Vanja Nagy, Molecular Neurobiology
Our team focuses on identification and characterization of novel causative genes in rare neurodevelopmental disorders. These studies are essential in understanding how dysfunctions manifest in neurological pathologies for development of efficient and personalized therapeutic agents. In close collaboration with clinicians, we perform whole-exome sequencing of patient samples to prioritize potentially deleterious genetic variants. We then use genetically modified human cell lines, transformed human neurons, primary mouse cultures and mouse models to validate and understand the identified genetic defects. Our current projects are listed below.
Identifying common molecular mechanisms underlining intellectual disabilities
Intellectual disability (ID), diagnosed as impairment in intellectual and adaptive function, is a common manifestation in NDDs which affects up to 3% of the human population. Over 1000 different genetic loci have been identified to be causative of monogentic forms of ID, with as many more predicted. In order to identify common molecular pathways in different IDs we use a rational systems-based approach to predict novel ID causative genes and their interaction networks, perform functional CRISPR-based genetic screens, and validate in primary mouse neuronal cultures and patient-derived transformed neurons. Validating genes of unknown significance will facilitate diagnosis of newly discovered potentially pathological genes in ID. Additionally, finding common nodes in different pathologies will allow for development of therapeutic interventions for groups of rare disorders sharing common pathways.

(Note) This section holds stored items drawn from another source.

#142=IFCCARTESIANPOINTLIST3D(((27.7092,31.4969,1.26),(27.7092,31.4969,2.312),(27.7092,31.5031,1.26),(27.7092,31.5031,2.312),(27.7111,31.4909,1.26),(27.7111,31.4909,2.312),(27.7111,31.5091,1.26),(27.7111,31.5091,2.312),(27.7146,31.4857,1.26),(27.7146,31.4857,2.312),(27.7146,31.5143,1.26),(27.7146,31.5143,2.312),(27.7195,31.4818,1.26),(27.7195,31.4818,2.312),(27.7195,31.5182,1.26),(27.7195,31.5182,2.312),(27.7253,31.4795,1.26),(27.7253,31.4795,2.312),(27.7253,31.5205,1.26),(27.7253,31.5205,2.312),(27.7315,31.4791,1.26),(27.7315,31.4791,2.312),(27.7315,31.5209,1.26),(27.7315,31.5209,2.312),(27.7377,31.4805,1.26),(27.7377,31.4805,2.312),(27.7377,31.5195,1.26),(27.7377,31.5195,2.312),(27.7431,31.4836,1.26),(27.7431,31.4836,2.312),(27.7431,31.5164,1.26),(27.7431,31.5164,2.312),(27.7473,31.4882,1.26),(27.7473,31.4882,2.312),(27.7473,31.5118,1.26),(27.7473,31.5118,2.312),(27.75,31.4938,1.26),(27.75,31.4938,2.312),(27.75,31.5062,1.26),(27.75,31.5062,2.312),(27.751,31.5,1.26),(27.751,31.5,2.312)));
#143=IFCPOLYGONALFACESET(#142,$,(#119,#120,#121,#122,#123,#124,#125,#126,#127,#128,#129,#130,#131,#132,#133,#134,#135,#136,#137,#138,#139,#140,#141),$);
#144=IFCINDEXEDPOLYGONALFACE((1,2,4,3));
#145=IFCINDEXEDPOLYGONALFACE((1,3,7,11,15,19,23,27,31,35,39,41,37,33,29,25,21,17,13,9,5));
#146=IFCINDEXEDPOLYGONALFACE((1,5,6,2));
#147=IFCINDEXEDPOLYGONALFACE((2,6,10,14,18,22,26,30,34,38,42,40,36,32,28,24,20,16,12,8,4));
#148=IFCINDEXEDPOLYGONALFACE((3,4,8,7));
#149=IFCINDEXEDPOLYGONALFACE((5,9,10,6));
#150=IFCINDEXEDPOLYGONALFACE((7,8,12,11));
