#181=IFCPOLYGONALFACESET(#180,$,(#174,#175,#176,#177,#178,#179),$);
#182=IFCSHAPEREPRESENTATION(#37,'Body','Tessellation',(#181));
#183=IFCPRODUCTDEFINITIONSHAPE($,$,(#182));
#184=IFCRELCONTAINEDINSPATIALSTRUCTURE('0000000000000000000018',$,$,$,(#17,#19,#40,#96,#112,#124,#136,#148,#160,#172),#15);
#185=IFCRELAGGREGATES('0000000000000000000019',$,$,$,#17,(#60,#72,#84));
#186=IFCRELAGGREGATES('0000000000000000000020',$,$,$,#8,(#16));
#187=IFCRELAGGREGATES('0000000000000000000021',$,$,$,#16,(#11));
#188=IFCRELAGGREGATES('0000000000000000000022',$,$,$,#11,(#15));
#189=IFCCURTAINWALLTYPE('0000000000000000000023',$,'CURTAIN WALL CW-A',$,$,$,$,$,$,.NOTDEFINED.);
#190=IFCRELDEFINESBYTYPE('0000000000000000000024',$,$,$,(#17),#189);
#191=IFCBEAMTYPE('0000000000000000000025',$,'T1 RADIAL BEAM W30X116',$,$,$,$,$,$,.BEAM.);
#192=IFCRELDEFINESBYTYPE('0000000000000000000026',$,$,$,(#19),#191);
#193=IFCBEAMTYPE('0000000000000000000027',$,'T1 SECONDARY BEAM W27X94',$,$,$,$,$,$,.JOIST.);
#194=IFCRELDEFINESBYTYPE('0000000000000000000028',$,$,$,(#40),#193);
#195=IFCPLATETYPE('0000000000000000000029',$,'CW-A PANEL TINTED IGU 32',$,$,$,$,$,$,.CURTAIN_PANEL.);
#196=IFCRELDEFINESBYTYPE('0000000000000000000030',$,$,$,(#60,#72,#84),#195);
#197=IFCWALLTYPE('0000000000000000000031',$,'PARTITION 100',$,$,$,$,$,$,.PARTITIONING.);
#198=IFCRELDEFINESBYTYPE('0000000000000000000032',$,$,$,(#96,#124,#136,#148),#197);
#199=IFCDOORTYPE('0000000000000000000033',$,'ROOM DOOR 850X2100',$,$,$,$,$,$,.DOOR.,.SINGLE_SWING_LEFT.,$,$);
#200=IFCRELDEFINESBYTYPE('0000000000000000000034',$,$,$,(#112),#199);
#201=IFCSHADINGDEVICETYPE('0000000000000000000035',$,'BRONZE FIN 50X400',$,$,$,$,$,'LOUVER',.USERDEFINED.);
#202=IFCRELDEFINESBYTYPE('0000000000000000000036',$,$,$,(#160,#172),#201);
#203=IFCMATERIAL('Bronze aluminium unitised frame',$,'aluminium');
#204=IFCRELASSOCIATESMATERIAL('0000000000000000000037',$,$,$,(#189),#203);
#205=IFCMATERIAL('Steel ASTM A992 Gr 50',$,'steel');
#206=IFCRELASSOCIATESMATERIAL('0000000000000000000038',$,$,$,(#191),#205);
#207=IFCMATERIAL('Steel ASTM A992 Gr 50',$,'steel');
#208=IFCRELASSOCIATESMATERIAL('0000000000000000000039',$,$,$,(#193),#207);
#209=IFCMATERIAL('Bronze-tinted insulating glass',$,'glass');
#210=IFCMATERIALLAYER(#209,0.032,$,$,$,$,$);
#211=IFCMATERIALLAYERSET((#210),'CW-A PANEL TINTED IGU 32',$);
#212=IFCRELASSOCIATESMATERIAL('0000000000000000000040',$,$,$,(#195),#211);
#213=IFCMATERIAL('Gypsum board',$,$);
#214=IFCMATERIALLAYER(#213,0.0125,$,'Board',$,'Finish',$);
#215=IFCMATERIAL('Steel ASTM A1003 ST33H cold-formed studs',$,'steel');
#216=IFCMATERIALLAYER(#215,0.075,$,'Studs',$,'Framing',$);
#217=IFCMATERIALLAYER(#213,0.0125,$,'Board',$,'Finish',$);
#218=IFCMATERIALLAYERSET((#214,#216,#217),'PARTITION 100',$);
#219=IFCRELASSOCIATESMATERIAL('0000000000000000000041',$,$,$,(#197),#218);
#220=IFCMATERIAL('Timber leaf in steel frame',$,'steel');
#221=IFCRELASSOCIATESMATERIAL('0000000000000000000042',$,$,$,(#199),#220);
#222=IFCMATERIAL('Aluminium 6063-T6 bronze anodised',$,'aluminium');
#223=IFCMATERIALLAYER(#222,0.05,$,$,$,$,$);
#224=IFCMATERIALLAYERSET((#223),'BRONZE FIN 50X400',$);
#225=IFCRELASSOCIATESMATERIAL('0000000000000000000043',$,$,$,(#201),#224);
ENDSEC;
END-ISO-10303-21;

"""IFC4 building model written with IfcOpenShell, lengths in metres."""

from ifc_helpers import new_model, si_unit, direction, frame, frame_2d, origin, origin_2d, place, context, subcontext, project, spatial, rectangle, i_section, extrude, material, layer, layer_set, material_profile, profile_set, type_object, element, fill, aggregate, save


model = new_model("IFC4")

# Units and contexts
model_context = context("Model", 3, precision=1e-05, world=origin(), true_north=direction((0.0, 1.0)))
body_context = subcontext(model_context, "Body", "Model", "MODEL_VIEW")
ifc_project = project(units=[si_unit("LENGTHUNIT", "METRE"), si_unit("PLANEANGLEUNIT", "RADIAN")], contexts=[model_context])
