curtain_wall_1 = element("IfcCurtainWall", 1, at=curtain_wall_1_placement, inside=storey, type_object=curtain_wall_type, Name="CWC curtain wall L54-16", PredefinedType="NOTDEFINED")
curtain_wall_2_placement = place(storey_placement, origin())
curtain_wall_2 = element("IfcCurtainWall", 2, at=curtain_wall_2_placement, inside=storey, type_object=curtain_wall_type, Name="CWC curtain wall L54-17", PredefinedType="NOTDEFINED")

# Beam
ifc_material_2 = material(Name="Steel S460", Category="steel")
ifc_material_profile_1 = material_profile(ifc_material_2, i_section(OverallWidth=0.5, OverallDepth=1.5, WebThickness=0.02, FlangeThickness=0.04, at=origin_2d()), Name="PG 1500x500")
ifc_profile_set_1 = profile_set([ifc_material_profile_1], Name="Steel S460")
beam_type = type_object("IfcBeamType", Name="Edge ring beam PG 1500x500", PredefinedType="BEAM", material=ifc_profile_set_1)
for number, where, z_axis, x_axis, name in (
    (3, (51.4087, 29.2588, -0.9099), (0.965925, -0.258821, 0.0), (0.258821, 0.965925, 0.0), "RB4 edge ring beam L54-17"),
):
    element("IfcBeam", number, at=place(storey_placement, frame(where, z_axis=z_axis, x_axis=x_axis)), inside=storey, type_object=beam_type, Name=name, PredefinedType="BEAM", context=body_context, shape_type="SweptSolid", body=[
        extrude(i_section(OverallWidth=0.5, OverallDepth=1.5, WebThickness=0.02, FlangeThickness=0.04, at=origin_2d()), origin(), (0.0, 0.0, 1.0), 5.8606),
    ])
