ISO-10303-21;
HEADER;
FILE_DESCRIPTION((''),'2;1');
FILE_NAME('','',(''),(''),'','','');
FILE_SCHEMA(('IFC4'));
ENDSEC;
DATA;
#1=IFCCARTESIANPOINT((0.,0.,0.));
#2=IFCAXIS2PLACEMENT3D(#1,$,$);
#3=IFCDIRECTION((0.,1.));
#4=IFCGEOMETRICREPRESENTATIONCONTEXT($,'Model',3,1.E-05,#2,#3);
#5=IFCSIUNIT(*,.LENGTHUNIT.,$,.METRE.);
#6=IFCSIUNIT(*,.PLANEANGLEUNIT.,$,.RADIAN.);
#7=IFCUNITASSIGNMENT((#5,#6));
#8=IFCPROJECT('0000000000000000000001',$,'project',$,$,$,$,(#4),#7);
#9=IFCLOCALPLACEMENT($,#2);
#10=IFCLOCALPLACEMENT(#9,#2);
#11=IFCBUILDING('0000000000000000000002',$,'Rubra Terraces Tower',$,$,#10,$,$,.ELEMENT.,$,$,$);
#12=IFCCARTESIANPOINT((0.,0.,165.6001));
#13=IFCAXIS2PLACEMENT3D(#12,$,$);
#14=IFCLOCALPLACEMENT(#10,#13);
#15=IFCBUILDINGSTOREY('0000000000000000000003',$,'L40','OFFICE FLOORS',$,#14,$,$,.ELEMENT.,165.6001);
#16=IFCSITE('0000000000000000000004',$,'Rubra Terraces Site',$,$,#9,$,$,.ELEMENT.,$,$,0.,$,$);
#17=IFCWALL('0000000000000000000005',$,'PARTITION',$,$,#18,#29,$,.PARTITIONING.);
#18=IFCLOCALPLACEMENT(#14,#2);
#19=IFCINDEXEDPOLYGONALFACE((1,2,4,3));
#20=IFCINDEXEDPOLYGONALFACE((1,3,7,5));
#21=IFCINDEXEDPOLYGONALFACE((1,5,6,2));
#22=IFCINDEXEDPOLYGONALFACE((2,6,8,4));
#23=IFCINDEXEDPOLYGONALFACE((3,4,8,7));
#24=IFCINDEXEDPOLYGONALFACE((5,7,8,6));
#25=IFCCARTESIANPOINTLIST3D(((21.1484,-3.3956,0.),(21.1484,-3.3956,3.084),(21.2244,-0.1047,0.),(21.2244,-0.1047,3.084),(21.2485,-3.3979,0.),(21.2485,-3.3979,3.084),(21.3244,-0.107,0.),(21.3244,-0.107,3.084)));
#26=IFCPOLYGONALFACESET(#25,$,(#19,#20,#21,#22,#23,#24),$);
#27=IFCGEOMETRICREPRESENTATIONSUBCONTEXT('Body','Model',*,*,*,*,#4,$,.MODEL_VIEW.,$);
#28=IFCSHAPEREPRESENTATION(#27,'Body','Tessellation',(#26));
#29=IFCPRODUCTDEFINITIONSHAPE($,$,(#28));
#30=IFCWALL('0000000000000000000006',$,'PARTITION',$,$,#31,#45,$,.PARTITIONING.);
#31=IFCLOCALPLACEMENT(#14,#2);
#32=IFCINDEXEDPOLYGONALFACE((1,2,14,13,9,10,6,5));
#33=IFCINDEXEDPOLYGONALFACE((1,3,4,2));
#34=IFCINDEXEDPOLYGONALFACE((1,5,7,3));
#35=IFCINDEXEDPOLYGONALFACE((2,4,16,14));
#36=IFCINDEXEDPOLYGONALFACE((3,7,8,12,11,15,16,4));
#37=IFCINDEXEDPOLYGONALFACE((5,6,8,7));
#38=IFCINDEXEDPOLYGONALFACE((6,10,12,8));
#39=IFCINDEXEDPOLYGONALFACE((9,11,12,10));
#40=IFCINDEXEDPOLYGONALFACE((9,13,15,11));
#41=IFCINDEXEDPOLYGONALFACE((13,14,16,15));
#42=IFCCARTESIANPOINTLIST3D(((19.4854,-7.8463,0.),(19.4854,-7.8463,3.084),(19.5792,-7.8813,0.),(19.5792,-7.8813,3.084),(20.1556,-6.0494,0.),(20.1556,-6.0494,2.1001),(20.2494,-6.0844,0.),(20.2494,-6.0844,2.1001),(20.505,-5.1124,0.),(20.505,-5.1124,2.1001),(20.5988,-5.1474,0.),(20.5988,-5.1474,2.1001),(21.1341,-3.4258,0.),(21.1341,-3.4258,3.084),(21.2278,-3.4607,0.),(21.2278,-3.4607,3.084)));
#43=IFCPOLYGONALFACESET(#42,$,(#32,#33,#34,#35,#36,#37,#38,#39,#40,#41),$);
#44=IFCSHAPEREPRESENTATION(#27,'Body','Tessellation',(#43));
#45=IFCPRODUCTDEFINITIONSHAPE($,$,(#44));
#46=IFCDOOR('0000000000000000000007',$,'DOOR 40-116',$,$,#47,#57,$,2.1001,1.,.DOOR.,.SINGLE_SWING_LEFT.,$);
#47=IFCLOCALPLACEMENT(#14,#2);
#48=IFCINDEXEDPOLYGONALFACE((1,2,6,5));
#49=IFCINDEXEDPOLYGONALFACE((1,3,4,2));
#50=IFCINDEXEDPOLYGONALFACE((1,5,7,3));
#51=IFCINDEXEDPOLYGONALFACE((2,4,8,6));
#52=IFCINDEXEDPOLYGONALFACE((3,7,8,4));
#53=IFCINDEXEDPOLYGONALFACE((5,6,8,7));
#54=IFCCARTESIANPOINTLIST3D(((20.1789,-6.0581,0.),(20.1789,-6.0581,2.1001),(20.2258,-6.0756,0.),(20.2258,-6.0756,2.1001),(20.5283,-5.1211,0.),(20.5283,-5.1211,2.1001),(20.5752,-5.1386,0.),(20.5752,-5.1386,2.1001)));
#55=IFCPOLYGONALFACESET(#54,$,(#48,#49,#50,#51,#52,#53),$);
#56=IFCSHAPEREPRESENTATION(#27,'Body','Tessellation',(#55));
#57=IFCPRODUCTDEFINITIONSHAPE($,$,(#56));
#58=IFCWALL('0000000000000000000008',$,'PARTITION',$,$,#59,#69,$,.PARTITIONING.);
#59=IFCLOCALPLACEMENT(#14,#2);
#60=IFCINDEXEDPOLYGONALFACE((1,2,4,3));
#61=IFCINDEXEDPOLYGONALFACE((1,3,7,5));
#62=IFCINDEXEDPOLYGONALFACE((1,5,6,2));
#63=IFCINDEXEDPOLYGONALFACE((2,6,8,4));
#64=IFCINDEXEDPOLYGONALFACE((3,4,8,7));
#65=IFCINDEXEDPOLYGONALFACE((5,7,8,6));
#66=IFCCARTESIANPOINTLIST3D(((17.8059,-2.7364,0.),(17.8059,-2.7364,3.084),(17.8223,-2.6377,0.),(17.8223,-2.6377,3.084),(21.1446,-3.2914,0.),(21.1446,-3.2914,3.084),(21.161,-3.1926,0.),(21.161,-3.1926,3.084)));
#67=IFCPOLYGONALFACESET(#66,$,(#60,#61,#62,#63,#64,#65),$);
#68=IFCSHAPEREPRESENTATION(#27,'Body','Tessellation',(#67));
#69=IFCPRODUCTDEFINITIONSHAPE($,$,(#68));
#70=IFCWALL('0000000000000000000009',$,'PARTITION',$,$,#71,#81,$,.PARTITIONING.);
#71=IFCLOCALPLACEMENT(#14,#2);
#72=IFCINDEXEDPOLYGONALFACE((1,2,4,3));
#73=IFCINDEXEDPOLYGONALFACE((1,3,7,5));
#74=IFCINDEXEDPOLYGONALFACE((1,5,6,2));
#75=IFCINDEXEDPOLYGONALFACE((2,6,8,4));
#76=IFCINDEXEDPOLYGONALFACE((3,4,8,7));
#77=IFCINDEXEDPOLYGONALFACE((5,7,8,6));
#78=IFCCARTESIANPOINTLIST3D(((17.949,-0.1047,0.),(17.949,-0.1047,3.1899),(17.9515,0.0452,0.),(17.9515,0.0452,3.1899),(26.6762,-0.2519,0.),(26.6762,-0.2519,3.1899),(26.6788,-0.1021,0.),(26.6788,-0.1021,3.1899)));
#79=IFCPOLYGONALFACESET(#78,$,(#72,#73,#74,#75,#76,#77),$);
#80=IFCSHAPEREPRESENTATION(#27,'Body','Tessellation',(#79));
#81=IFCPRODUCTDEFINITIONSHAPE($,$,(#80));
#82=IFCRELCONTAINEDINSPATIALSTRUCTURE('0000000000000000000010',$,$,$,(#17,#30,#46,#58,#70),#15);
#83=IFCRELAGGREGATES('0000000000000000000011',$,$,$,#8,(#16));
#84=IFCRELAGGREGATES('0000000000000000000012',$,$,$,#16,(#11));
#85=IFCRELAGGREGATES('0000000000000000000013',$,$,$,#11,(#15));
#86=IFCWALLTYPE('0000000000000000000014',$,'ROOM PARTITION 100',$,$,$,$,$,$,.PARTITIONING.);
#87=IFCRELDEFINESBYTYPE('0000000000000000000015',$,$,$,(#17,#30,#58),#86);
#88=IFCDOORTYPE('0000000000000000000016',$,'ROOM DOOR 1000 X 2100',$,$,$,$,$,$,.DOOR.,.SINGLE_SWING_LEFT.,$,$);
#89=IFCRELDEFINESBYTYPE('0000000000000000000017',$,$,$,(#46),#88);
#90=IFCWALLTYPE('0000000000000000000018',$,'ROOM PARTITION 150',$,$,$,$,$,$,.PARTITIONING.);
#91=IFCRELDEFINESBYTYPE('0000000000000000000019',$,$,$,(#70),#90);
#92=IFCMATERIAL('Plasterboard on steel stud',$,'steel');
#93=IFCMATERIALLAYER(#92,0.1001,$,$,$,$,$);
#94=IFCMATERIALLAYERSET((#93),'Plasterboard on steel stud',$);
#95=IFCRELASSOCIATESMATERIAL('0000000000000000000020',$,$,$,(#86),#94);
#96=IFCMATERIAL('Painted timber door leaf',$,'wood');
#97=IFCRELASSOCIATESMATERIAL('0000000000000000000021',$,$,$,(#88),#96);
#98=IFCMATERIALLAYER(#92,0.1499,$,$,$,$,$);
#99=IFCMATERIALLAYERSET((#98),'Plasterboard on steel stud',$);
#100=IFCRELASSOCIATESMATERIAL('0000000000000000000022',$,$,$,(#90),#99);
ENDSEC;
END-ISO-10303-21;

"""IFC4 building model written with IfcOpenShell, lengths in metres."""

from ifc_helpers import new_model, si_unit, direction, frame, frame_2d, origin, place, context, subcontext, project, spatial, rectangle, extrude, material, layer, layer_set, type_object, element, fill, save


model = new_model("IFC4")

# Units and contexts
model_context = context("Model", 3, precision=1e-05, world=origin(), true_north=direction((0.0, 1.0)))
body_context = subcontext(model_context, "Body", "Model", "MODEL_VIEW")
ifc_project = project(units=[si_unit("LENGTHUNIT", "METRE"), si_unit("PLANEANGLEUNIT", "RADIAN")], contexts=[model_context])

# Site, building, storey
site_placement = place(None, origin())
site = spatial("IfcSite", under=ifc_project, at=site_placement, Name="Rubra Terraces Site", CompositionType="ELEMENT", RefElevation=0.0)
building_placement = place(site_placement, origin())
building = spatial("IfcBuilding", under=site, at=building_placement, Name="Rubra Terraces Tower", CompositionType="ELEMENT")
storey_placement = place(building_placement, frame((0.0, 0.0, 165.6001)))
storey = spatial("IfcBuildingStorey", under=building, at=storey_placement, Name="L40", Description="OFFICE FLOORS", CompositionType="ELEMENT", Elevation=165.6001)

# Wall
ifc_material_1 = material(Name="Plasterboard on steel stud", Category="steel")
ifc_layer_1 = layer(ifc_material_1, 0.1001)
ifc_layer_set_1 = layer_set([ifc_layer_1], Name="Plasterboard on steel stud")
wall_type_1 = type_object("IfcWallType", Name="ROOM PARTITION 100", PredefinedType="PARTITIONING", material=ifc_layer_set_1)
wall_1_placement = place(storey_placement, frame((21.2744, -0.1057, 0.0), z_axis=(0.0, 0.0, 1.0), x_axis=(-0.023067, -0.999734, 0.0)))
element("IfcWall", 1, at=wall_1_placement, inside=storey, type_object=wall_type_1, Name="PARTITION", PredefinedType="PARTITIONING", context=body_context, shape_type="SweptSolid", body=[
    extrude(rectangle(XDim=3.2917, YDim=0.1001, at=frame_2d((1.646, 0.0))), origin(), (0.0, 0.0, 1.0), 3.084),
])

# Wall, opening, door
wall_2_placement = place(storey_placement, frame((21.1809, -3.4434, 0.0), z_axis=(0.0, 0.0, 1.0), x_axis=(-0.349439, -0.936959, 0.0)))
wall_2 = element("IfcWall", 2, at=wall_2_placement, inside=storey, type_object=wall_type_1, Name="PARTITION", PredefinedType="PARTITIONING", context=body_context, shape_type="SweptSolid", body=[
    extrude(rectangle(XDim=4.718, YDim=0.1001, at=frame_2d((2.3589, 0.0))), origin(), (0.0, 0.0, 1.0), 3.084),
])
opening_1_placement = place(wall_2_placement, frame((1.8, 0.0, 0.0)))
opening_1 = element("IfcOpeningElement", 3, at=opening_1_placement, cuts=wall_2, PredefinedType="OPENING", context=body_context, shape_type="SweptSolid", body=[
    extrude(rectangle(XDim=1.0, YDim=2.1001, at=frame_2d((0.5, 1.05))), frame((0.0, 0.0601, 0.0), z_axis=(0.0, -1.0, 0.0), x_axis=(1.0, 0.0, 0.0)), (0.0, 0.0, 1.0), 0.1201),
])
ifc_material_2 = material(Name="Painted timber door leaf", Category="wood")
door_type_1 = type_object("IfcDoorType", Name="ROOM DOOR 1000 X 2100", OperationType="SINGLE_SWING_LEFT", PredefinedType="DOOR", material=ifc_material_2)
door_1_placement = place(opening_1_placement, origin())
door_1 = element("IfcDoor", 4, at=door_1_placement, inside=storey, type_object=door_type_1, Name="DOOR 40-116", OperationType="SINGLE_SWING_LEFT", OverallHeight=2.1001, OverallWidth=1.0, PredefinedType="DOOR", context=body_context, shape_type="SweptSolid", body=[
    extrude(rectangle(XDim=1.0, YDim=2.1001, at=frame_2d((0.5, 1.05))), frame((0.0, 0.0249, 0.0), z_axis=(0.0, -1.0, 0.0), x_axis=(1.0, 0.0, 0.0)), (0.0, 0.0, 1.0), 0.05),
])
fill(opening_1, door_1)

# Walls
wall_3_placement = place(storey_placement, frame((17.814, -2.687, 0.0), z_axis=(0.0, 0.0, 1.0), x_axis=(0.986466, -0.163966, 0.0)))
element("IfcWall", 5, at=wall_3_placement, inside=storey, type_object=wall_type_1, Name="PARTITION", PredefinedType="PARTITIONING", context=body_context, shape_type="SweptSolid", body=[
    extrude(rectangle(XDim=3.3845, YDim=0.1001, at=frame_2d((1.6924, 0.0))), origin(), (0.0, 0.0, 1.0), 3.084),
])
ifc_layer_2 = layer(ifc_material_1, 0.1499)
ifc_layer_set_2 = layer_set([ifc_layer_2], Name="Plasterboard on steel stud")
wall_type_2 = type_object("IfcWallType", Name="ROOM PARTITION 150", PredefinedType="PARTITIONING", material=ifc_layer_set_2)
wall_4_placement = place(storey_placement, frame((26.6775, -0.177, 0.0), z_axis=(0.0, 0.0, 1.0), x_axis=(-0.999858, 0.016866, 0.0)))
element("IfcWall", 6, at=wall_4_placement, inside=storey, type_object=wall_type_2, Name="PARTITION", PredefinedType="PARTITIONING", context=body_context, shape_type="SweptSolid", body=[
    extrude(rectangle(XDim=8.7285, YDim=0.1499, at=frame_2d((4.3643, 0.0))), origin(), (0.0, 0.0, 1.0), 3.1899),
])

save(model, "model.ifc")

Spastic paraplegia with psychomotor retardation with or without seizures
A mutation in HACE1 E3 ubiquitin ligase has been shown to cause a neurodevelopmental disorder resulting in intellectual disability, spasticity and abnormal gait in young patients. We find that HACE1 knock-out mice have a remarkably similar phenotype to patients and are an ideal model to study the molecular neuropathology of this disease. Using genetic and pharmacological manipulations of human and mouse cellular models of this disease, we are identifying and characterizing the molecular pathology and potential therapeutic targets of this disease.
Understanding peripheral neuropathies
Congenital insensitivity to pain with anhidrosis (CIP/A) is an inherited and rare type of peripheral neuropathy marked by a complete absence of pain perception. Using patient derived cells and various mouse models of CIP/A we are performing deep behavioral and molecular phenotyping of peripheral nervous system dysfunctions, and its contribution to non-nociceptive symptoms associated with this disorder. By deciphering the pathophysiology of this rare disorder we aim to identify potential targets for future therapy relevant to more common pathologies, such as chronic pain conditions that affect up to 30% of the population.